Рэй Брэдбери - О скитаньях вечных и о Земле
И вот подъезжал фургон, на высоких его козлах под зонтиком цвета хурмы восседал мистер Джонас, и вожжи струились в его ласковых руках, словно ручеек. Он пел:
Хлам, барахло?Нет, сэр, не хлам.Хлам, барахло?Нет, мэм, не хлам!Спицы, булавки, иголки,Тряпки, обломки, осколки,Пустячки, побрякушки,Вещички-старушки —Все возьму в барахолкуРади пользы и толку!Ясно ли вам?Это не хлам!
Всякий, кто хоть раз слышал пение мистера Джонаса, а он всегда сочинял что-нибудь новенькое, — сразу понимал, что это не простой старьевщик. С виду-то его, правда, от обыкновенного старьевщика не отличить: рваные, в заплатах, плисовые штаны, побуревшие от времени, а на голове — фетровая шляпа, украшенная пуговицами времен избрания первого президента. Но в одном он был старьевщик необыкновенный: его фургон можно было увидеть не только при солнечном свете, но и при свете луны — даже ночью он без устали кружил по улицам, точно по извилистым речкам, огибая островки-кварталы, где жили люди, которых он знал всю свою жизнь. И в фургоне полно было самых разных вещей; он подбирал их во всех концах города и возил с собой день, неделю, год, пока они кому-нибудь не понадобятся. Тогда стоило только сказать: «Эти часы мне пригодятся» или «Как насчет вон того матраца?» — и Джонас отдавал часы или матрац, не брал никаких денег и ехал дальше, сочиняя по дороге новую песню.
Вот так и получалось, что иной раз в три часа ночи он оказывался единственным бодрствующим человеком в Гринтауне; и, если кто маялся головной болью, надо было только, завидев сверкающую в лунном свете лошадь с фургоном, выбежать на улицу и спросить, может, у мистера Джонаса случайно найдется аспирин, — и аспирин всегда находился.
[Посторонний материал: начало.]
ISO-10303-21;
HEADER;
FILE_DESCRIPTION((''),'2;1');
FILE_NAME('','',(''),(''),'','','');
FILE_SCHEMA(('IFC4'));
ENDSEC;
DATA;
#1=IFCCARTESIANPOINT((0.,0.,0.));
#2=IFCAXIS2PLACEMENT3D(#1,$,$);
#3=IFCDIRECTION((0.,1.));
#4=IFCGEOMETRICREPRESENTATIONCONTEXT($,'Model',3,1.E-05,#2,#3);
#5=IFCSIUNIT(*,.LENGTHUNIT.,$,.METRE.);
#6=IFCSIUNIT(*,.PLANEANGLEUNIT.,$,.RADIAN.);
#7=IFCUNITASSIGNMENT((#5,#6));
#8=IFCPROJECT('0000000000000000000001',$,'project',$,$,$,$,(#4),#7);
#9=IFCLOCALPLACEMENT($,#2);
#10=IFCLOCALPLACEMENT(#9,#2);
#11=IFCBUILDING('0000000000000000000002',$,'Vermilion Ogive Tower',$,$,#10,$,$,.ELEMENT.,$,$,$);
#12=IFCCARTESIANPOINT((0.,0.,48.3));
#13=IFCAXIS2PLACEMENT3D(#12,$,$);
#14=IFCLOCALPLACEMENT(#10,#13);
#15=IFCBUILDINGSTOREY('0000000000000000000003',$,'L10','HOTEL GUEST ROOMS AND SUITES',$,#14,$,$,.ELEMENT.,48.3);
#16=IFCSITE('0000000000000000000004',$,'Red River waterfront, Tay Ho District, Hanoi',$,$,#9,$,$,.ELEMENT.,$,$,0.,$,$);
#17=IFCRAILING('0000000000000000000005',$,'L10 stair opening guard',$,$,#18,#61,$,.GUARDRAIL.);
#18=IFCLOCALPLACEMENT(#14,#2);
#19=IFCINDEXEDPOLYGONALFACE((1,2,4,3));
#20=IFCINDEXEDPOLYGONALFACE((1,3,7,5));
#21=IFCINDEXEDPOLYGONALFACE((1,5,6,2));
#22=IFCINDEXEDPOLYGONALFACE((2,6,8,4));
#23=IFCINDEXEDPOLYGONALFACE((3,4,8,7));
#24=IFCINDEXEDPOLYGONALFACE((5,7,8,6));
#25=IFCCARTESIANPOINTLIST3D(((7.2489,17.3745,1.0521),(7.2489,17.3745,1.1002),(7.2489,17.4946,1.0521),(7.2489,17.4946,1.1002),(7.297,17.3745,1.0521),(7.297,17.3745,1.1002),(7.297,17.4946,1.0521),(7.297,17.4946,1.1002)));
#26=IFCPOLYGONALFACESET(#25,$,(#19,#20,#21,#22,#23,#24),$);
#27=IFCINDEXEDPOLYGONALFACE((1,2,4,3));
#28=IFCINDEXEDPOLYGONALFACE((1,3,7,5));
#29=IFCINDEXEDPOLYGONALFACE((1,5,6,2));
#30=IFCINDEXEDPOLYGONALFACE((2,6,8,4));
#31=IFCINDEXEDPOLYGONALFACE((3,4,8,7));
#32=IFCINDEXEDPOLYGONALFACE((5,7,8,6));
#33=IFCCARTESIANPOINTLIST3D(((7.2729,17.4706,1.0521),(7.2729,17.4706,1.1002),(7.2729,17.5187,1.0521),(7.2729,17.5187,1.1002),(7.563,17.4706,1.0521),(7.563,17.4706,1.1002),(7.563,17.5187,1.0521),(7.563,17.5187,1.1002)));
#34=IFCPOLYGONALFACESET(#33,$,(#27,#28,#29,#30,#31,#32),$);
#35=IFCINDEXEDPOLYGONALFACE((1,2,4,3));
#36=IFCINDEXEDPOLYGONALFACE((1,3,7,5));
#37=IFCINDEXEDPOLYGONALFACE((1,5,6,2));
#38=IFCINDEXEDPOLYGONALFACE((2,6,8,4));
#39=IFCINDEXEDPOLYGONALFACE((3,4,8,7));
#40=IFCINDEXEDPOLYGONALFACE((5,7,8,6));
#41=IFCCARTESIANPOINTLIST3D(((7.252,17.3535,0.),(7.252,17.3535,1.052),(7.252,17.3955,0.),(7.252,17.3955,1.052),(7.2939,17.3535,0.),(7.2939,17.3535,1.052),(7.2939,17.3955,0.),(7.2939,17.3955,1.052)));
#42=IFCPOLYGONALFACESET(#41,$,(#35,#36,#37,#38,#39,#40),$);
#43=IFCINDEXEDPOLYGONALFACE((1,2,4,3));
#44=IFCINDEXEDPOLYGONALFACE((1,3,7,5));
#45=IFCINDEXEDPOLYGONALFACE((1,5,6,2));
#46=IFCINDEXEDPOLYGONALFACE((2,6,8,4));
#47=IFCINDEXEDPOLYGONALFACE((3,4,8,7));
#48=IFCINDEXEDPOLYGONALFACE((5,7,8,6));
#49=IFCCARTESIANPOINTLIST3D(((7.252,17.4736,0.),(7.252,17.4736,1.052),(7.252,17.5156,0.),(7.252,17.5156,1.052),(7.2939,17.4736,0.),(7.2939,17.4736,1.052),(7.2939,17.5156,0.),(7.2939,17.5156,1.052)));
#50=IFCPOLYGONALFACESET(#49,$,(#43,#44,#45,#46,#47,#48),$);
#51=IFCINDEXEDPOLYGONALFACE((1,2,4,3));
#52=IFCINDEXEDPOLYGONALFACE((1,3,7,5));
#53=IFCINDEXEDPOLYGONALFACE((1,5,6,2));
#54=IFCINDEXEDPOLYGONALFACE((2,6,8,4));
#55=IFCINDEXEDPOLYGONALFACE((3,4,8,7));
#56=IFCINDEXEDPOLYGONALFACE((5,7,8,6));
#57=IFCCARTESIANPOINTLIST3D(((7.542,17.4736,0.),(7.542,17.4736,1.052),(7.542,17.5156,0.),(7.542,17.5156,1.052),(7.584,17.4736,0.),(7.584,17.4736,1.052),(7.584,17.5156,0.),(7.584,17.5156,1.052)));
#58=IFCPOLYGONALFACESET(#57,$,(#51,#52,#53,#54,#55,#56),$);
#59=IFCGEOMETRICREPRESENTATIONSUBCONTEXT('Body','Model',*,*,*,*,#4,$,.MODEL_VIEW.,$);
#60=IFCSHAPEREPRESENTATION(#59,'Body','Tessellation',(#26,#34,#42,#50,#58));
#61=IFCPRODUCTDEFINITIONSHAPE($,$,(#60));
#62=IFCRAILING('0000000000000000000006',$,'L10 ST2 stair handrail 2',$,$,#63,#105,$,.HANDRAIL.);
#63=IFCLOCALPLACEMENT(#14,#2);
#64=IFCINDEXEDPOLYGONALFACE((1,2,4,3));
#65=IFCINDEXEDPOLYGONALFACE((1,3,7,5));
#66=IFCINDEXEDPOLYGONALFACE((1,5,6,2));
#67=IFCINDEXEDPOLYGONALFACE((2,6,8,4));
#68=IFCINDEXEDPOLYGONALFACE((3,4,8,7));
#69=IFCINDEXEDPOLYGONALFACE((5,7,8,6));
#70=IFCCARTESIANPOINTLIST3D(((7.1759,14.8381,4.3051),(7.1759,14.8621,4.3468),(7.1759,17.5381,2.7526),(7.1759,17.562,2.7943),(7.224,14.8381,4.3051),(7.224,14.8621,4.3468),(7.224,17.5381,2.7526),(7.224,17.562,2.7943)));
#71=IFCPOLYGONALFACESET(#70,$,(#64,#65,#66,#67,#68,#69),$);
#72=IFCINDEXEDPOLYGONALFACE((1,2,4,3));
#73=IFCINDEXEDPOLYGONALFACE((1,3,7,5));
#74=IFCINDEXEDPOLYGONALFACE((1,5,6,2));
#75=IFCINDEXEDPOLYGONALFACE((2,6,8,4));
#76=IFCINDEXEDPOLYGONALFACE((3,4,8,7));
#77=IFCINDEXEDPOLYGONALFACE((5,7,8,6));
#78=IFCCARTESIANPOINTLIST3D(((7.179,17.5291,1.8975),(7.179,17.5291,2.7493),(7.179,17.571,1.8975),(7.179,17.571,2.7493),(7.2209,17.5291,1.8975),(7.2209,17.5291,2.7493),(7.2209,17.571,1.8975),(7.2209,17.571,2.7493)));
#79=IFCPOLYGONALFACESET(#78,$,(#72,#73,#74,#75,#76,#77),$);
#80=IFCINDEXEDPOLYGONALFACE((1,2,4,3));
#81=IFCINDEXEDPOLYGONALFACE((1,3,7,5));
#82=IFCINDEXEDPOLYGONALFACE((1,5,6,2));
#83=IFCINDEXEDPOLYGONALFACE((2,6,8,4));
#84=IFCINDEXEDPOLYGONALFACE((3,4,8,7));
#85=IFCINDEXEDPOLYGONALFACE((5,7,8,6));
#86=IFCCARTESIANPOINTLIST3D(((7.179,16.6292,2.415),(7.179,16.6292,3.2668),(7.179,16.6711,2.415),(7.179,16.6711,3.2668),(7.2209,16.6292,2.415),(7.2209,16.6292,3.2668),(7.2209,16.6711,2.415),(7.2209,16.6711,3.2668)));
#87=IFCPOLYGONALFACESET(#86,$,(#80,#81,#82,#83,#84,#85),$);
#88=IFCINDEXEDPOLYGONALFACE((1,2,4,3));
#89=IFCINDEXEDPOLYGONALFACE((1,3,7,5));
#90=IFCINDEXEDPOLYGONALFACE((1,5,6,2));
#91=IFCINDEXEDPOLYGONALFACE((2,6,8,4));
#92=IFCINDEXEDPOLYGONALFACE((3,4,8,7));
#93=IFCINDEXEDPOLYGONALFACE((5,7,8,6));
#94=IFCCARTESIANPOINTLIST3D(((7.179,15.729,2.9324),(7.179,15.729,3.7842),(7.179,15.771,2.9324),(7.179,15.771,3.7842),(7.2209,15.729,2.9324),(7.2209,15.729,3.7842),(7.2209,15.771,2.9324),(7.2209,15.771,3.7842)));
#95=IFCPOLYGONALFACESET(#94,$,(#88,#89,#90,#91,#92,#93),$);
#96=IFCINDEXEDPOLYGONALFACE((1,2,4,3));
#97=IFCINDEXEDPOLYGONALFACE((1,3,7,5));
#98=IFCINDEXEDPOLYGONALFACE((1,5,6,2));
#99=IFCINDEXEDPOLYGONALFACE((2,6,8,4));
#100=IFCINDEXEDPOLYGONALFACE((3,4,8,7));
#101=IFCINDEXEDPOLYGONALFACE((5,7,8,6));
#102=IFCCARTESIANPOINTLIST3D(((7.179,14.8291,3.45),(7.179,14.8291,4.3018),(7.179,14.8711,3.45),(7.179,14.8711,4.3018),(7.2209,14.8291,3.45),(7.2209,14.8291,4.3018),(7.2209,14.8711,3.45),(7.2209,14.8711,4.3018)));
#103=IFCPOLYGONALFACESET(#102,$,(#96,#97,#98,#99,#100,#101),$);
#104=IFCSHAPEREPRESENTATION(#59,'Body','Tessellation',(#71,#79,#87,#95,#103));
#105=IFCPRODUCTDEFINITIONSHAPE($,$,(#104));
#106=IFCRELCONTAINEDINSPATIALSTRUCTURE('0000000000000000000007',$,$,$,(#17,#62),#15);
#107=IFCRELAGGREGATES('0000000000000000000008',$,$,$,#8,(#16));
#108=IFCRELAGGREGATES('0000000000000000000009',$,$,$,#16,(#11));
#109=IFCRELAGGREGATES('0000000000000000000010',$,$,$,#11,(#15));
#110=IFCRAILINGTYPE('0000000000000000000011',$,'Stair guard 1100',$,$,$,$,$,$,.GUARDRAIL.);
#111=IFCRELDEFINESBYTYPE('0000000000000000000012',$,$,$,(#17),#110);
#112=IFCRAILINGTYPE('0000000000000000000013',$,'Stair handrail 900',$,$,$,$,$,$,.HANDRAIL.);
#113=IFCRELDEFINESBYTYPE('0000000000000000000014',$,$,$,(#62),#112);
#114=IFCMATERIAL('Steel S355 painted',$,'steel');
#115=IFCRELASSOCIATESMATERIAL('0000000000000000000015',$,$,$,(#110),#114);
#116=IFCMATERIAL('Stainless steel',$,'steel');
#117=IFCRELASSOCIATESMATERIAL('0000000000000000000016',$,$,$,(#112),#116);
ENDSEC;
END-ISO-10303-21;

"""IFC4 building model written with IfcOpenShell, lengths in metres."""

from ifc_helpers import new_model, si_unit, direction, frame, origin, origin_2d, place, context, subcontext, project, spatial, rectangle, extrude, material, type_object, element, save


model = new_model("IFC4")

# Units and contexts
model_context = context("Model", 3, precision=1e-05, world=origin(), true_north=direction((0.0, 1.0)))
body_context = subcontext(model_context, "Body", "Model", "MODEL_VIEW")
ifc_project = project(units=[si_unit("LENGTHUNIT", "METRE"), si_unit("PLANEANGLEUNIT", "RADIAN")], contexts=[model_context])

# Site, building, storey
site_placement = place(None, origin())
site = spatial("IfcSite", under=ifc_project, at=site_placement, Name="Red River waterfront, Tay Ho District, Hanoi", CompositionType="ELEMENT", RefElevation=0.0)
building_placement = place(site_placement, origin())
building = spatial("IfcBuilding", under=site, at=building_placement, Name="Vermilion Ogive Tower", CompositionType="ELEMENT")
storey_placement = place(building_placement, frame((0.0, 0.0, 48.3)))
storey = spatial("IfcBuildingStorey", under=building, at=storey_placement, Name="L10", Description="HOTEL GUEST ROOMS AND SUITES", CompositionType="ELEMENT", Elevation=48.3)

# Railings
ifc_material_1 = material(Name="Steel S355 painted", Category="steel")
railing_type_1 = type_object("IfcRailingType", Name="Stair guard 1100", PredefinedType="GUARDRAIL", material=ifc_material_1)
railing_1_placement = place(storey_placement, frame((7.2729, 17.3745, 0.0)))
element("IfcRailing", 1, at=railing_1_placement, inside=storey, type_object=railing_type_1, Name="L10 stair opening guard", PredefinedType="GUARDRAIL", context=body_context, shape_type="SweptSolid", body=[
    extrude(rectangle(XDim=0.0481, YDim=0.0481, at=origin_2d()), frame((0.0, 0.0, 1.0762), z_axis=(0.0, 1.0, 0.0), x_axis=(-1.0, 0.0, 0.0)), (0.0, 0.0, 1.0), 0.1201),
    extrude(rectangle(XDim=0.0481, YDim=0.0481, at=origin_2d()), frame((0.0, 0.1201, 1.0762), z_axis=(1.0, 0.0, 0.0), x_axis=(0.0, 1.0, 0.0)), (0.0, 0.0, 1.0), 0.29),
    extrude(rectangle(XDim=0.042, YDim=0.042, at=origin_2d()), origin(), (0.0, 0.0, 1.0), 1.052),
    extrude(rectangle(XDim=0.042, YDim=0.042, at=origin_2d()), frame((0.0, 0.1201, 0.0)), (0.0, 0.0, 1.0), 1.052),
    extrude(rectangle(XDim=0.042, YDim=0.042, at=origin_2d()), frame((0.29, 0.1201, 0.0)), (0.0, 0.0, 1.0), 1.052),
])
ifc_material_2 = material(Name="Stainless steel", Category="steel")
railing_type_2 = type_object("IfcRailingType", Name="Stair handrail 900", PredefinedType="HANDRAIL", material=ifc_material_2)
railing_2_placement = place(storey_placement, frame((7.2, 17.55, 1.8975)))
element("IfcRailing", 2, at=railing_2_placement, inside=storey, type_object=railing_type_2, Name="L10 ST2 stair handrail 2", PredefinedType="HANDRAIL", context=body_context, shape_type="SweptSolid", body=[
    extrude(rectangle(XDim=0.0481, YDim=0.0481, at=origin_2d()), frame((0.0, 0.0, 0.876), z_axis=(0.0, -0.866904, 0.498476), x_axis=(1.0, 0.0, 0.0)), (0.0, 0.0, 1.0), 3.1145),
    extrude(rectangle(XDim=0.042, YDim=0.042, at=origin_2d()), origin(), (0.0, 0.0, 1.0), 0.8518),
    extrude(rectangle(XDim=0.042, YDim=0.042, at=origin_2d()), frame((0.0, -0.8999, 0.5176)), (0.0, 0.0, 1.0), 0.8518),
    extrude(rectangle(XDim=0.042, YDim=0.042, at=origin_2d()), frame((0.0, -1.8, 1.0349)), (0.0, 0.0, 1.0), 0.8518),
    extrude(rectangle(XDim=0.042, YDim=0.042, at=origin_2d()), frame((0.0, -2.7, 1.5525)), (0.0, 0.0, 1.0), 0.8518),
])

save(model, "model.ifc")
Не раз он и роды принимал в четыре часа ночи, и тогда люди вдруг замечали, что у него поразительно чистые руки и ногти — ну прямо руки богача, верно, он ведет еще и вторую, неизвестную им жизнь! Порой он отвозил людей на работу в другой конец города, а иногда, если видел, что кто-нибудь страдает бессонницей, поднимался к нему на крыльцо, угощал сигарой и сидел и беседовал с ним до зари.
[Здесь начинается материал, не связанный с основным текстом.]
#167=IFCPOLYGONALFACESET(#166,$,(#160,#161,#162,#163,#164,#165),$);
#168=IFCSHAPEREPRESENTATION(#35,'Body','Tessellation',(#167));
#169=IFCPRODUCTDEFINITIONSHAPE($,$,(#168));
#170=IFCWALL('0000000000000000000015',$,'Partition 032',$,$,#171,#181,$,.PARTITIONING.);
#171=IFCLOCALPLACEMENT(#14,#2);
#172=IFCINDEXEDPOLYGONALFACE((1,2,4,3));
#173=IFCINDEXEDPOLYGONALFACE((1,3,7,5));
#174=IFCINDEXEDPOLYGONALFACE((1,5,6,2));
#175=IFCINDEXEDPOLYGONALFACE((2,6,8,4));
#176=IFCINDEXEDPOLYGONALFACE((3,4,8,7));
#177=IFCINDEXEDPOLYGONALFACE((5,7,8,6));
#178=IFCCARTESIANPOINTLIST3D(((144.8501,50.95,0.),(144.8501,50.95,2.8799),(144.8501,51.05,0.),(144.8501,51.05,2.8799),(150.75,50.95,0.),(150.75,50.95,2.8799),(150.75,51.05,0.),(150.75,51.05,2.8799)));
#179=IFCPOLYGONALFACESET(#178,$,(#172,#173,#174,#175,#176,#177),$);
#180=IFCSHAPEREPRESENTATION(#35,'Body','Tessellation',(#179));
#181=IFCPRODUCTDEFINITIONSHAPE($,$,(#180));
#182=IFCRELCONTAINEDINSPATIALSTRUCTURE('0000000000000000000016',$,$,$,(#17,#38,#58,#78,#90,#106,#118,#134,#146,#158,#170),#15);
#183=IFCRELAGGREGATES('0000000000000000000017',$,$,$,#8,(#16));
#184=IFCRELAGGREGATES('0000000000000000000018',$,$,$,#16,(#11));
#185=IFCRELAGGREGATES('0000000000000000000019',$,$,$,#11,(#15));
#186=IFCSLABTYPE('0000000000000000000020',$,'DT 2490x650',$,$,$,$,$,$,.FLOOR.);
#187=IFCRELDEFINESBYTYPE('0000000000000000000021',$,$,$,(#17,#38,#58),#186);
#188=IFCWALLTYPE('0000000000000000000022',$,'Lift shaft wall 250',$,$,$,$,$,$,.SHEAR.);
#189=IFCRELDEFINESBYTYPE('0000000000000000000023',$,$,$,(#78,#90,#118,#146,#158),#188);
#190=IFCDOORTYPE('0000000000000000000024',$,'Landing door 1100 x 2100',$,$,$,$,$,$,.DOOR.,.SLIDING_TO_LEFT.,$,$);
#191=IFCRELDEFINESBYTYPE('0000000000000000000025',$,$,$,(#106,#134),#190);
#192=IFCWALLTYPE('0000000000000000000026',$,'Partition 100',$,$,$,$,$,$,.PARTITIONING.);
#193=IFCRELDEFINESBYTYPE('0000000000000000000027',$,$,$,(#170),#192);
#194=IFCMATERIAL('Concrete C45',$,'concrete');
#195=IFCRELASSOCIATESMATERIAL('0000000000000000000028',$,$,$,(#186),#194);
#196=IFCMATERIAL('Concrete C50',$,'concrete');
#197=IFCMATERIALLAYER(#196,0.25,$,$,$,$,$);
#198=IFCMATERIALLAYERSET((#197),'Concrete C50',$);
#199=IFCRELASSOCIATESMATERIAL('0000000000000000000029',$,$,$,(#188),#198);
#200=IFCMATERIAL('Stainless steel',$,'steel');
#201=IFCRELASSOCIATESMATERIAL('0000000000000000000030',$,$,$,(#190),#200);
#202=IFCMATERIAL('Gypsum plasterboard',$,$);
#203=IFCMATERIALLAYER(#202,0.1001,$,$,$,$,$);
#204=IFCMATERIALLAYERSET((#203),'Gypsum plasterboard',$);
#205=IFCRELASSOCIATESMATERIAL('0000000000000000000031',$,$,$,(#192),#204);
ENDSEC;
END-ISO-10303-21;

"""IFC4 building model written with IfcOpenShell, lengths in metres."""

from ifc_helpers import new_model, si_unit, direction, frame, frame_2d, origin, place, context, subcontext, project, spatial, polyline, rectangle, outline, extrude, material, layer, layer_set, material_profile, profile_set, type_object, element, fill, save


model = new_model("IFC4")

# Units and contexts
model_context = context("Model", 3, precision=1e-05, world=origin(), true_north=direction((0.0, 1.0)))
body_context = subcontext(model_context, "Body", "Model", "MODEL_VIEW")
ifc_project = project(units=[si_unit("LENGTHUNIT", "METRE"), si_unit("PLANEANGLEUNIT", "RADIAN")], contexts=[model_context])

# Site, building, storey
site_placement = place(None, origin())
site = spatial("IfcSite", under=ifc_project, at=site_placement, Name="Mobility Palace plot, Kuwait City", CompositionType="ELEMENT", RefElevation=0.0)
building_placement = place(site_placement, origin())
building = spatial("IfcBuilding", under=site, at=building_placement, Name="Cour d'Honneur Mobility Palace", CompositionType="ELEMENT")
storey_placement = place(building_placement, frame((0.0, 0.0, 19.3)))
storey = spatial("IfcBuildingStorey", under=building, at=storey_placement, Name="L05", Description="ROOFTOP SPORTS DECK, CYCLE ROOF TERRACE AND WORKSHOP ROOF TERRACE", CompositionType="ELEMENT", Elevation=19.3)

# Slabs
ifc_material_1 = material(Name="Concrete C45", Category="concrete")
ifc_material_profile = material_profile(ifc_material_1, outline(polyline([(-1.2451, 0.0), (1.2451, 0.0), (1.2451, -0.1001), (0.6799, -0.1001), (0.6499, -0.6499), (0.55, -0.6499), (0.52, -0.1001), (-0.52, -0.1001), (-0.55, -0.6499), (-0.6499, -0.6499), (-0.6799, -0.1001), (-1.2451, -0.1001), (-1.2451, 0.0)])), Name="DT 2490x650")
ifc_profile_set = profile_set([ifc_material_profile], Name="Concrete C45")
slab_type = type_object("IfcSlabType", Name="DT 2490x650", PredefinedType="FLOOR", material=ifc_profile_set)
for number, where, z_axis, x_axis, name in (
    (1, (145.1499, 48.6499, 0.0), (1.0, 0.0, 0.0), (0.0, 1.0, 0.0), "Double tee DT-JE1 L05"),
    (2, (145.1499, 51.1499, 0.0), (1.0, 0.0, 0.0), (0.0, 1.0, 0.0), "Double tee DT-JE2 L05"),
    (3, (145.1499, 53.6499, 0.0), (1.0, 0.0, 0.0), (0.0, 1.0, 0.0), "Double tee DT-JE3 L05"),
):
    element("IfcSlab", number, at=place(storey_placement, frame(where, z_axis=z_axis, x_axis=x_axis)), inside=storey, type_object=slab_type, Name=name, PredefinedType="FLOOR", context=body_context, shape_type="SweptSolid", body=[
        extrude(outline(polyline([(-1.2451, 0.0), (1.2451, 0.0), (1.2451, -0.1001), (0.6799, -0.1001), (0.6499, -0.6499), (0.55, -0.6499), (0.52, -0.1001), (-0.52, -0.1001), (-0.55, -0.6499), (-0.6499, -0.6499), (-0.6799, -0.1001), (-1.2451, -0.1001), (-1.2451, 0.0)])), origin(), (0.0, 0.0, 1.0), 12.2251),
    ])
Да, мистер Джонас был человек странный, непонятный, ни на кого не похожий, он казался чудаком и даже помешанным, но на самом деле ум у него был ясный и здравый. Он сам не раз спокойно и мягко объяснял, что ему уже много лет назад надоели его дела в Чикаго и он решил подыскать себе какое-нибудь другое занятие. Церковь мистер Джонас терпеть не мог, хоть и одобрял ее идеи, зато сам любил проповедовать и делиться с людьми своими познаниями; потому он и купил лошадь с фургоном и теперь проводил остаток дней своих в заботах о том, чтобы одни люди могли получить то, в чем другие больше не нуждаются. Он считал себя неким воплощением диффузии, которая в пределах одного города помогает обмену между различными слоями общества. Он не выносил, когда что-нибудь пропадало зря, ибо знал: то, что для одного — ненужный хлам, для другого — недоступная роскошь.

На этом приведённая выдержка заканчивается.